How do you set this problem up to work it out?
 
This type of problem can be solved if you think of rates and adding rates

let P be the volume of the pool in buckets.
jims rate = P/30
sues rate= P/45
tonys rate =P/90

total rate = P/30+P/45+P/90
time to fill pool at this rate is P/[P/30+P/45+P/90] place denominator over common denominator
time ={ P/[3P+2P+P]/90}
time = 90P/6P
time=15 minutes

Arthur
 
kemccla said:
Jim can filla pool carrying buckets of water in 30 minutes. Sue can do the same job in 45 minutes. TOny can do the same job in 1.5 hrs. How quickly can all three fill the pool together?

How do you set this problem up to work it out?

Problems of this type are solvable by either of the following methods.

Samples:
<< If it takes me 2 hours to paint a room and you 3 hours, ow long will it take to paint it together? >>

Method 1:

1--A can paint the house in 5 hours.
2--B can paint the house in 3 hours.
3--A's rate of painting is 1 house per A hours (5 hours) or 1/A (1/5) houses/hour.
4--B's rate of painting is 1 house per B hours (3 hours) or 1/B (1/3) houses/hour.
5--Their combined rate of painting is 1/A + 1/B (1/5 + 1/3) = (A+B)/AB (8/15) houses /hour.
6--Therefore, the time required for both of them to paint the 1 house is 1 house/(A+B)/AB houses/hour = AB/(A+B) = 5(3)/(5+3) = 15/8 hours = 1 hour-52.5 minutes.

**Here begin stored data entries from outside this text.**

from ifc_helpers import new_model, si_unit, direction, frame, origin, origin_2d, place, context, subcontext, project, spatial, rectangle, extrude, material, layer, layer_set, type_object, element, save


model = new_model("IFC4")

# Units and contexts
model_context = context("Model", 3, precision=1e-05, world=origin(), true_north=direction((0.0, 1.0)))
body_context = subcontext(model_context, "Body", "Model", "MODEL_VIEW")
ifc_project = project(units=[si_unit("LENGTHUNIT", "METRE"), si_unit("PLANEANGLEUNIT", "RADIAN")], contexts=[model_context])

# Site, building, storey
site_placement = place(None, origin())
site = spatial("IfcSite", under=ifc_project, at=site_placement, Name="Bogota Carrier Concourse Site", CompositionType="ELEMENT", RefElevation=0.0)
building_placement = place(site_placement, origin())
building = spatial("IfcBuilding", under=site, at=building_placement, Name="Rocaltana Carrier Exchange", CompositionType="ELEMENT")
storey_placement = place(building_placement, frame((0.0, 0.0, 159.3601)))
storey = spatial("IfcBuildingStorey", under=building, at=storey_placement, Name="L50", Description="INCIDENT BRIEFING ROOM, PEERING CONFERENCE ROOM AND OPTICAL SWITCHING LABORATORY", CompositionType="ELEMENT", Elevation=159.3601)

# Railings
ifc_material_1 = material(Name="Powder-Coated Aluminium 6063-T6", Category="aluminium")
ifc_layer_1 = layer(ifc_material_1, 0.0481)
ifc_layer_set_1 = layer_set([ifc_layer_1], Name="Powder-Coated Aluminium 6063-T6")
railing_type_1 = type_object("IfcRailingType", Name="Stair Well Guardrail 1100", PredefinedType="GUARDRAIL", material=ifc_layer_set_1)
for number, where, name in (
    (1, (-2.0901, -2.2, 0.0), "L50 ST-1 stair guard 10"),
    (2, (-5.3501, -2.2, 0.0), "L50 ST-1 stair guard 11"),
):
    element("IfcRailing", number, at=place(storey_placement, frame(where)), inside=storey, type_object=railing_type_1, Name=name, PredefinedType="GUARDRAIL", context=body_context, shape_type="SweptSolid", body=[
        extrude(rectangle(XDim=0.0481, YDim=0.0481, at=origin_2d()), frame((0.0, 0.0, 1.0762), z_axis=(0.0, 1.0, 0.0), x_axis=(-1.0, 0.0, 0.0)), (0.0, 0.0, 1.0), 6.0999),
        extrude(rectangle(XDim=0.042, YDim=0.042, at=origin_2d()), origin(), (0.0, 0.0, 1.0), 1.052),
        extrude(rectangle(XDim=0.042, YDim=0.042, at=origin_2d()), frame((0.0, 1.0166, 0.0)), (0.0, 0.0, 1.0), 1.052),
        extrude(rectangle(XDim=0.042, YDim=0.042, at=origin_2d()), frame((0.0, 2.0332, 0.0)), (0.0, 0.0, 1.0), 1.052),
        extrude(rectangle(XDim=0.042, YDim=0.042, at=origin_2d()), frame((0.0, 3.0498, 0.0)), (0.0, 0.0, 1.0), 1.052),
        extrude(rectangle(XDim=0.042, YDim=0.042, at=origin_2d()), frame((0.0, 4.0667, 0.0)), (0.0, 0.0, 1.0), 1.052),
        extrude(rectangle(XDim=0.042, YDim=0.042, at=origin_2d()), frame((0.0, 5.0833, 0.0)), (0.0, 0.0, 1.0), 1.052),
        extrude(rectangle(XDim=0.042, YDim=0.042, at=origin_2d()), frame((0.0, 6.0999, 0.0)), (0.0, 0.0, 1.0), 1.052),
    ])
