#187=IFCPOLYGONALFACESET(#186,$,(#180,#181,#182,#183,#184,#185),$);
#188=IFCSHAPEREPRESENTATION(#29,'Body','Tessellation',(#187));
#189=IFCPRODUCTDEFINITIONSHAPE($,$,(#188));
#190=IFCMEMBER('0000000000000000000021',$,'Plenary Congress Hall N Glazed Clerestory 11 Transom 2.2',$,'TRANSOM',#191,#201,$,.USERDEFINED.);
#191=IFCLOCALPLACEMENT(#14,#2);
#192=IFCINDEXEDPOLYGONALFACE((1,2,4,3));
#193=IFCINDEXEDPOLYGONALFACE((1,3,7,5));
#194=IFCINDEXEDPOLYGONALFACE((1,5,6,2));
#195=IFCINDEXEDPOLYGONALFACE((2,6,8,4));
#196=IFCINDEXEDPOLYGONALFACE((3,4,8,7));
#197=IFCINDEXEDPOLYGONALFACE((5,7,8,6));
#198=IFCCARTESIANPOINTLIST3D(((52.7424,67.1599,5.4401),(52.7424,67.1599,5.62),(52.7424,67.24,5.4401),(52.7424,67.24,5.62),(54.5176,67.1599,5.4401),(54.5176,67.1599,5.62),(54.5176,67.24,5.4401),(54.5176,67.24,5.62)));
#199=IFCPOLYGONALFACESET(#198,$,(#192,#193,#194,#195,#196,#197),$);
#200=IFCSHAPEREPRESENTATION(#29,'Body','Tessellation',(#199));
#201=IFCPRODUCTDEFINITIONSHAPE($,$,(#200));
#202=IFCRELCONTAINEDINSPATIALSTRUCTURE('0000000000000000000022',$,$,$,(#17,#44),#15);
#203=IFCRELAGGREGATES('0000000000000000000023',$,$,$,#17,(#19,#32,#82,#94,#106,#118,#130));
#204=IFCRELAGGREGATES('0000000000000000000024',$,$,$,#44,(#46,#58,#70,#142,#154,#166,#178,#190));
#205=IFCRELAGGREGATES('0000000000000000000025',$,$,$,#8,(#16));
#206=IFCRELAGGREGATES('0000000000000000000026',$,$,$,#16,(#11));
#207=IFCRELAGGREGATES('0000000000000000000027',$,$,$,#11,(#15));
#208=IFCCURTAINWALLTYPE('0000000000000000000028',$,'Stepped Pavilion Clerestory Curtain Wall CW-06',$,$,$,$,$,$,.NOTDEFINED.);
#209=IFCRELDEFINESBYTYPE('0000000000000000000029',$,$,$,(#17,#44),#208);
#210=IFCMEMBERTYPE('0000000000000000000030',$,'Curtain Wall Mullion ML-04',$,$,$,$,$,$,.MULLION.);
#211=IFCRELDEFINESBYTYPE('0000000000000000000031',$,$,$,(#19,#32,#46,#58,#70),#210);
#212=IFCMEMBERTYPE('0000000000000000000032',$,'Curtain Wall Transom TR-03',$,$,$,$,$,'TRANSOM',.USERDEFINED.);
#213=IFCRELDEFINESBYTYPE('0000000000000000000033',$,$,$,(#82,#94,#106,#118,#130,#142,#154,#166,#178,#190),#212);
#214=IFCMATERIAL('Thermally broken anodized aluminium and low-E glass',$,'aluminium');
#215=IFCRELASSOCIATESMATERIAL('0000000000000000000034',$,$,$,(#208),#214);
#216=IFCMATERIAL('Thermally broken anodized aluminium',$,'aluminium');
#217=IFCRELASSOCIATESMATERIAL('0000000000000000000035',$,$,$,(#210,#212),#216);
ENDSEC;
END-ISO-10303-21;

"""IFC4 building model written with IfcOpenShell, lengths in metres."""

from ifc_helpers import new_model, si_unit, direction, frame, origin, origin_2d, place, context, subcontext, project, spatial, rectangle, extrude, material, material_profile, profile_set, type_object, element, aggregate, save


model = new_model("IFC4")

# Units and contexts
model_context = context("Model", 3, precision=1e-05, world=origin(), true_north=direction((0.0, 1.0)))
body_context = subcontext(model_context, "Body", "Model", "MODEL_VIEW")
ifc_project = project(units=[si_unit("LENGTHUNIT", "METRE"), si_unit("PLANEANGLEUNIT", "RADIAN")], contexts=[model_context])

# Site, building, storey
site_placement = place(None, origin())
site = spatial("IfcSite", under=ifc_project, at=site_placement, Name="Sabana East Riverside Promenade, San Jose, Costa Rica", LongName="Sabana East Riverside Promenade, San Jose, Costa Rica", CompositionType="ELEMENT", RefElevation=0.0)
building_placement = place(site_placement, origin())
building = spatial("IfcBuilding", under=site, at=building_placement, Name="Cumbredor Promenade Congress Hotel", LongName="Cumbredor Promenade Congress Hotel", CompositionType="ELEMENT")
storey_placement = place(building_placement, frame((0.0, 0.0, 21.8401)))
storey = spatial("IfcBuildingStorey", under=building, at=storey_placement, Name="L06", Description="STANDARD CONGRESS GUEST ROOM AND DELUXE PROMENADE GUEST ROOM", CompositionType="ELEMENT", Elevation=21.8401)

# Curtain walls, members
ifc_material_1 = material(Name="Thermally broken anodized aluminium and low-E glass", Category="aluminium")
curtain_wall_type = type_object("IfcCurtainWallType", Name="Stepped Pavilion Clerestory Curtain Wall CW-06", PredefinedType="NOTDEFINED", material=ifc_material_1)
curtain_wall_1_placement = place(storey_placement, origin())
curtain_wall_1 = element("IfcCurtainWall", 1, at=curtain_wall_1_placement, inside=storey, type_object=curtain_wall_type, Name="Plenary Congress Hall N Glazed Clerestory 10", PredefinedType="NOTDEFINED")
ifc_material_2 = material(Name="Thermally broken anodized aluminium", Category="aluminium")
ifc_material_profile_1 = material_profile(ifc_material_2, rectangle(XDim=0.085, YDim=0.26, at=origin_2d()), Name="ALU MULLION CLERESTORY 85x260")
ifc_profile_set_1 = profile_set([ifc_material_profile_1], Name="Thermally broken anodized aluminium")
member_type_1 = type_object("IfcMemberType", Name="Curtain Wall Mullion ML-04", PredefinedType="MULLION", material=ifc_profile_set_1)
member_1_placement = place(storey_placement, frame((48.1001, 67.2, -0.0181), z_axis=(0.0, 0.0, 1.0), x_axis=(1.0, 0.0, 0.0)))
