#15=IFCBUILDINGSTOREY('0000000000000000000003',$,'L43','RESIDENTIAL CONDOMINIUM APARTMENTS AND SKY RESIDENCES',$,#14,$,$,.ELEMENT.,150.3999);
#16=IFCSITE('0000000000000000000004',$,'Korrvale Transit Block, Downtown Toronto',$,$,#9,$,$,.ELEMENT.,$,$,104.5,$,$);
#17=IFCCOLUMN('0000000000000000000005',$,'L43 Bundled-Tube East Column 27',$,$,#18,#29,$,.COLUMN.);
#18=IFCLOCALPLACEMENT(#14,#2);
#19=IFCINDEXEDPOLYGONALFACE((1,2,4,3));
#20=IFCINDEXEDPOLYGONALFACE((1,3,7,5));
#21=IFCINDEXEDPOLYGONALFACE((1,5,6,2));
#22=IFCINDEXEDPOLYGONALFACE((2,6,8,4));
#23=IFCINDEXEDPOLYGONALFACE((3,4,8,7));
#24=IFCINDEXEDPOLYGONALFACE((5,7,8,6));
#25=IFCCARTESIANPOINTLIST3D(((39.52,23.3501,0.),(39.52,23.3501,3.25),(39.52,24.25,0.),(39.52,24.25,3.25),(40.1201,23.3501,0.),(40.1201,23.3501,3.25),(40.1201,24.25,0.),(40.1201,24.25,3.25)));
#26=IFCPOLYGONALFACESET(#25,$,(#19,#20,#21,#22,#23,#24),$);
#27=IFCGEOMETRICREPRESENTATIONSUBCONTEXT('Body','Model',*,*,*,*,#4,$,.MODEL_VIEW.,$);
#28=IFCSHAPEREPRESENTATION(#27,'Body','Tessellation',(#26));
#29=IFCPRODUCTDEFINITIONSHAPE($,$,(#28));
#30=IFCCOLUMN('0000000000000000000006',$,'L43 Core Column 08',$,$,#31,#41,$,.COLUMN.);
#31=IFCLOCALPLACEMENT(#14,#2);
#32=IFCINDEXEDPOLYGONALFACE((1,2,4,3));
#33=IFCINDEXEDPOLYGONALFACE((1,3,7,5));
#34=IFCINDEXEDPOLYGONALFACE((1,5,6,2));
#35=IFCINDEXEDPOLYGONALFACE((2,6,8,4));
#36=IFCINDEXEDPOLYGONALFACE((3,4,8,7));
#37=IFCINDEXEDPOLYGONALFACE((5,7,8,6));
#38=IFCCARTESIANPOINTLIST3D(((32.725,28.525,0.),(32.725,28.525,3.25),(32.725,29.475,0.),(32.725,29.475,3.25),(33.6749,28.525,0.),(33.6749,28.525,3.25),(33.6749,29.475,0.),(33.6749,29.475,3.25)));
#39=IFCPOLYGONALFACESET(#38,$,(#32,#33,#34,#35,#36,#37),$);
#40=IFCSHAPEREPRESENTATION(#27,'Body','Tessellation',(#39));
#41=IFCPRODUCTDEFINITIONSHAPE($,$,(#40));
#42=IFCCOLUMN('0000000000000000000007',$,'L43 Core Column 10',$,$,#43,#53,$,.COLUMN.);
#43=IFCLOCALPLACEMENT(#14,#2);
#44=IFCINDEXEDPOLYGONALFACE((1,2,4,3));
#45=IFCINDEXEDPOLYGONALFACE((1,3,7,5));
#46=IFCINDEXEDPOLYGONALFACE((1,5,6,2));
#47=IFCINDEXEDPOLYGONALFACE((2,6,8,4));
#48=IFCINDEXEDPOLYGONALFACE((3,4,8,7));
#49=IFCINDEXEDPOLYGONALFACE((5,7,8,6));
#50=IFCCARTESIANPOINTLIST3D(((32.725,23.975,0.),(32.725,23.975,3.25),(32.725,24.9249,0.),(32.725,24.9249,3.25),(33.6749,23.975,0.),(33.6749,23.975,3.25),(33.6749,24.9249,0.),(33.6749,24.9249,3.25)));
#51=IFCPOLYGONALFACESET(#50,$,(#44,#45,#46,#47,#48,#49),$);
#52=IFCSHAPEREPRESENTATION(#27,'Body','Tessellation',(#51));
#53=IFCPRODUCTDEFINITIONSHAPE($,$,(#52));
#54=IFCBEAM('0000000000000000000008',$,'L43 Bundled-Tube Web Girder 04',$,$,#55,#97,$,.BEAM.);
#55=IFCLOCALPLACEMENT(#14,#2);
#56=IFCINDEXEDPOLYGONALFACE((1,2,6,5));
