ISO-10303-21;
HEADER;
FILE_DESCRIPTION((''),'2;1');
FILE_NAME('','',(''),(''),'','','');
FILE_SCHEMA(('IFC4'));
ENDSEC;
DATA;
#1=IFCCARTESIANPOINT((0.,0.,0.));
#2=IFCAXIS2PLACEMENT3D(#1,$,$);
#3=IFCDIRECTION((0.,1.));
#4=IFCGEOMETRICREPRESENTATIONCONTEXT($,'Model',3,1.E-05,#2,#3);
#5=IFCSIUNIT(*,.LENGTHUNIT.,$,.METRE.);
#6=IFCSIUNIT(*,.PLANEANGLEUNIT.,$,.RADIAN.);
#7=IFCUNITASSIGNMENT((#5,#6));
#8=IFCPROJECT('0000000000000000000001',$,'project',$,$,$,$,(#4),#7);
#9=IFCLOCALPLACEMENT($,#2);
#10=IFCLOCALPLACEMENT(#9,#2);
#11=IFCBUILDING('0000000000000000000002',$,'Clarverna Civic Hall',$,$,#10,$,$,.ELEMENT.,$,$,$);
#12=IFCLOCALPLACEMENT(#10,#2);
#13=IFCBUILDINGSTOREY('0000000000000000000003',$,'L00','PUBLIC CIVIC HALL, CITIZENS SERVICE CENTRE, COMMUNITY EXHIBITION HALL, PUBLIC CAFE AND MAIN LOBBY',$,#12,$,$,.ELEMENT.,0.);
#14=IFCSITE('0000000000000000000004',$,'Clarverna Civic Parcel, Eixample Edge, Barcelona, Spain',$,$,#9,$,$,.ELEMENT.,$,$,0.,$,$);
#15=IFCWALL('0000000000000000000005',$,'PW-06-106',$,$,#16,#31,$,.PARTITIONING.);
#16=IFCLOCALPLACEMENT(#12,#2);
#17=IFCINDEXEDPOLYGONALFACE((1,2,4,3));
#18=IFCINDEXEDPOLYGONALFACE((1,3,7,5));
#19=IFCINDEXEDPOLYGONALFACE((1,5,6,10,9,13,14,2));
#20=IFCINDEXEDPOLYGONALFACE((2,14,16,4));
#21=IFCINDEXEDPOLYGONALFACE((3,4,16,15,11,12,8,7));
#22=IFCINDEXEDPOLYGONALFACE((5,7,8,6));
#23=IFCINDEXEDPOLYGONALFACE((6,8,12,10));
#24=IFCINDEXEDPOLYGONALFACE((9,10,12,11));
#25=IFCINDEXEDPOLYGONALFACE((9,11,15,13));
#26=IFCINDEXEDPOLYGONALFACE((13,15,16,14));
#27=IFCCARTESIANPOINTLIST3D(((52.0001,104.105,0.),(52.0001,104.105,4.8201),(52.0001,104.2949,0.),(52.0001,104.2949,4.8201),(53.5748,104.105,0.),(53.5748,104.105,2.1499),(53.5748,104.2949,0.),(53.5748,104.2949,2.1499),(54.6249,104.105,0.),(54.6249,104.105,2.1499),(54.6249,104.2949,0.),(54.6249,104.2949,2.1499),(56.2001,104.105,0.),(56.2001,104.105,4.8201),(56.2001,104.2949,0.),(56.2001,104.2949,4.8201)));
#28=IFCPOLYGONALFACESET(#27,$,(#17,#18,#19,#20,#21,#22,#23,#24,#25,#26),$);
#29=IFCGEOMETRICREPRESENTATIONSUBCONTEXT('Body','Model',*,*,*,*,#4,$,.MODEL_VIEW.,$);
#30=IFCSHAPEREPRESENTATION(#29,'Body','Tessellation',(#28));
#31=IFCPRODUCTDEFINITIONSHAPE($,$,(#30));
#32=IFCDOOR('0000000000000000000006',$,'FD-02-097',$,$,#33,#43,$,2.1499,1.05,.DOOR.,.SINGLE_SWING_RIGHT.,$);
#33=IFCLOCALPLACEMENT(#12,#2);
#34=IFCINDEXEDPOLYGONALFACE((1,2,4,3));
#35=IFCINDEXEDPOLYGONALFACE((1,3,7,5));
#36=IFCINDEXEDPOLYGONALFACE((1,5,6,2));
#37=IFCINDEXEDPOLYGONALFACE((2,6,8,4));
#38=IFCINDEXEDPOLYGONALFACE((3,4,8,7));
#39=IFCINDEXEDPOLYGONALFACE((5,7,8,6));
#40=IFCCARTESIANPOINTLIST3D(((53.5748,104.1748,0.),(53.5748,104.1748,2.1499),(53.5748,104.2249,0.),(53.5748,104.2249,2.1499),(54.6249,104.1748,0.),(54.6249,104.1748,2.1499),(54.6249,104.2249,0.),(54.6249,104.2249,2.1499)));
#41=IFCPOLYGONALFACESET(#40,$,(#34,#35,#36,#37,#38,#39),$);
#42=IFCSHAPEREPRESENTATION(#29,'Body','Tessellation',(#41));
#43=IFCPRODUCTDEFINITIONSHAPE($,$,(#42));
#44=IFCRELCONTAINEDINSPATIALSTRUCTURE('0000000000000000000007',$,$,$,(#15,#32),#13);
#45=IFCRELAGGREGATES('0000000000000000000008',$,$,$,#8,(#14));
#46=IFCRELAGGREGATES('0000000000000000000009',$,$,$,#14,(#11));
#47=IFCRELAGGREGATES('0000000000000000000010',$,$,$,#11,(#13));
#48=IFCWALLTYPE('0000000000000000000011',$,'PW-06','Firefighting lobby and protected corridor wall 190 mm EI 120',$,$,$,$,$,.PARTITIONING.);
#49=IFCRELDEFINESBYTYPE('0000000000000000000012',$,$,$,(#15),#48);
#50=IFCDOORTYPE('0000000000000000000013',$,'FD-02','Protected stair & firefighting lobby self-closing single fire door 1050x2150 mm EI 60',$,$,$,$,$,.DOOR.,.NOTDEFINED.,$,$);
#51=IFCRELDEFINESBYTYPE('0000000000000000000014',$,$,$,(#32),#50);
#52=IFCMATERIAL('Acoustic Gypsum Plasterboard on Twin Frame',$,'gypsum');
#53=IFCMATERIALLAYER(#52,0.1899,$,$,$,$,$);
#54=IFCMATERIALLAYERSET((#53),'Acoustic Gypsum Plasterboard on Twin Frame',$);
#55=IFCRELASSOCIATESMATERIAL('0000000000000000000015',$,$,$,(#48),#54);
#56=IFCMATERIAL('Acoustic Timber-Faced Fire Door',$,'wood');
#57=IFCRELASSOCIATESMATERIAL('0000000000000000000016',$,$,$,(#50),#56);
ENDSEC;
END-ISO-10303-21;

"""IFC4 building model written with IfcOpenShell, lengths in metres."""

from ifc_helpers import new_model, si_unit, direction, frame, frame_2d, origin, place, context, subcontext, project, spatial, rectangle, extrude, material, layer, layer_set, type_object, element, fill, save


model = new_model("IFC4")

# Units and contexts
model_context = context("Model", 3, precision=1e-05, world=origin(), true_north=direction((0.0, 1.0)))
body_context = subcontext(model_context, "Body", "Model", "MODEL_VIEW")
ifc_project = project(units=[si_unit("LENGTHUNIT", "METRE"), si_unit("PLANEANGLEUNIT", "RADIAN")], contexts=[model_context])

# Site, building, storey
site_placement = place(None, origin())
site = spatial("IfcSite", under=ifc_project, at=site_placement, Name="Clarverna Civic Parcel, Eixample Edge, Barcelona, Spain", CompositionType="ELEMENT", RefElevation=0.0)
building_placement = place(site_placement, origin())
building = spatial("IfcBuilding", under=site, at=building_placement, Name="Clarverna Civic Hall", CompositionType="ELEMENT")
storey_placement = place(building_placement, origin())
storey = spatial("IfcBuildingStorey", under=building, at=storey_placement, Name="L00", Description="PUBLIC CIVIC HALL, CITIZENS SERVICE CENTRE, COMMUNITY EXHIBITION HALL, PUBLIC CAFE AND MAIN LOBBY", CompositionType="ELEMENT", Elevation=0.0)

# Shared definitions
ifc_material_1 = material(Name="Acoustic Gypsum Plasterboard on Twin Frame", Category="gypsum")
ifc_layer_1 = layer(ifc_material_1, 0.1899)
ifc_layer_set_1 = layer_set([ifc_layer_1], Name="Acoustic Gypsum Plasterboard on Twin Frame")
wall_type = type_object("IfcWallType", Name="PW-06", Description="Firefighting lobby and protected corridor wall 190 mm EI 120", PredefinedType="PARTITIONING", material=ifc_layer_set_1)

# Wall, opening, door
wall_1_placement = place(storey_placement, frame((52.0, 104.2, 0.0), z_axis=(0.0, 0.0, 1.0), x_axis=(1.0, 0.0, 0.0)))
wall_1 = element("IfcWall", 1, at=wall_1_placement, inside=storey, type_object=wall_type, Name="PW-06-106", PredefinedType="PARTITIONING", context=body_context, shape_type="SweptSolid", body=[
    extrude(rectangle(XDim=4.2, YDim=0.1899, at=frame_2d((2.1001, 0.0))), origin(), (0.0, 0.0, 1.0), 4.8201),
])
opening_placement = place(wall_1_placement, frame((1.575, 0.0, 0.0)))
opening = element("IfcOpeningElement", 2, at=opening_placement, cuts=wall_1, PredefinedType="OPENING", context=body_context, shape_type="SweptSolid", body=[
    extrude(rectangle(XDim=1.05, YDim=2.1499, at=frame_2d((0.5249, 1.075))), frame((0.0, 0.105, 0.0), z_axis=(0.0, -1.0, 0.0), x_axis=(1.0, 0.0, 0.0)), (0.0, 0.0, 1.0), 0.21),
])
ifc_material_2 = material(Name="Acoustic Timber-Faced Fire Door", Category="wood")
door_type = type_object("IfcDoorType", Name="FD-02", Description="Protected stair & firefighting lobby self-closing single fire door 1050x2150 mm EI 60", OperationType="NOTDEFINED", PredefinedType="DOOR", material=ifc_material_2)
door_placement = place(opening_placement, origin())
door = element("IfcDoor", 3, at=door_placement, inside=storey, type_object=door_type, Name="FD-02-097", OperationType="SINGLE_SWING_RIGHT", OverallHeight=2.1499, OverallWidth=1.05, PredefinedType="DOOR", context=body_context, shape_type="SweptSolid", body=[
    extrude(rectangle(XDim=1.05, YDim=2.1499, at=frame_2d((0.5249, 1.075))), frame((0.0, 0.0249, 0.0), z_axis=(0.0, -1.0, 0.0), x_axis=(1.0, 0.0, 0.0)), (0.0, 0.0, 1.0), 0.05),
])
fill(opening, door)

save(model, "model.ifc")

Note - T = AB/(A + B), where AB/(A + B) is one half the harmonic mean of the individual times, A and B.

Method 2:

Consider the following diagram -

.........._______________ _________________
..........I B /............................/\
..........I..*.................../..............................I
..........I.....*............../................................I
..........Iy.......*........./.................................I
..........I................./...................................{
..........I*****x****** ....................................{
..........I............./....*................................(c)
..........I(c-y)..../.........*...............................{
..........I......../...............*...........................I.
..........I....../....................*........................I
..........I..../.........................*.....................I
..........I../.............................*...................{
.........I./___________________* ________\/__
A

1--Let c represent the area of the house to be painted.
2--Let A = the number of hours it takes A to paint the house.
3--Let B = the number of hours it takes B to paint the house.
4--A and B start painting at the same point but proceed in opposite directions around the house.
5--Eventually they meet in x hours, each having painted an area proportional to their individual painting rates.
6--A will have painted y square feet and B will have painted (c-y) square feet.
7--From the figure, A/c = x/y or Ay = cx.
8--Similarly, B/c = x/(c-y) or by = bc - cx.
9--From 7 & 8, y = cx/a = (bc - cx)/b from which x = AB/(A+B), one half of the harmonic mean of A and B.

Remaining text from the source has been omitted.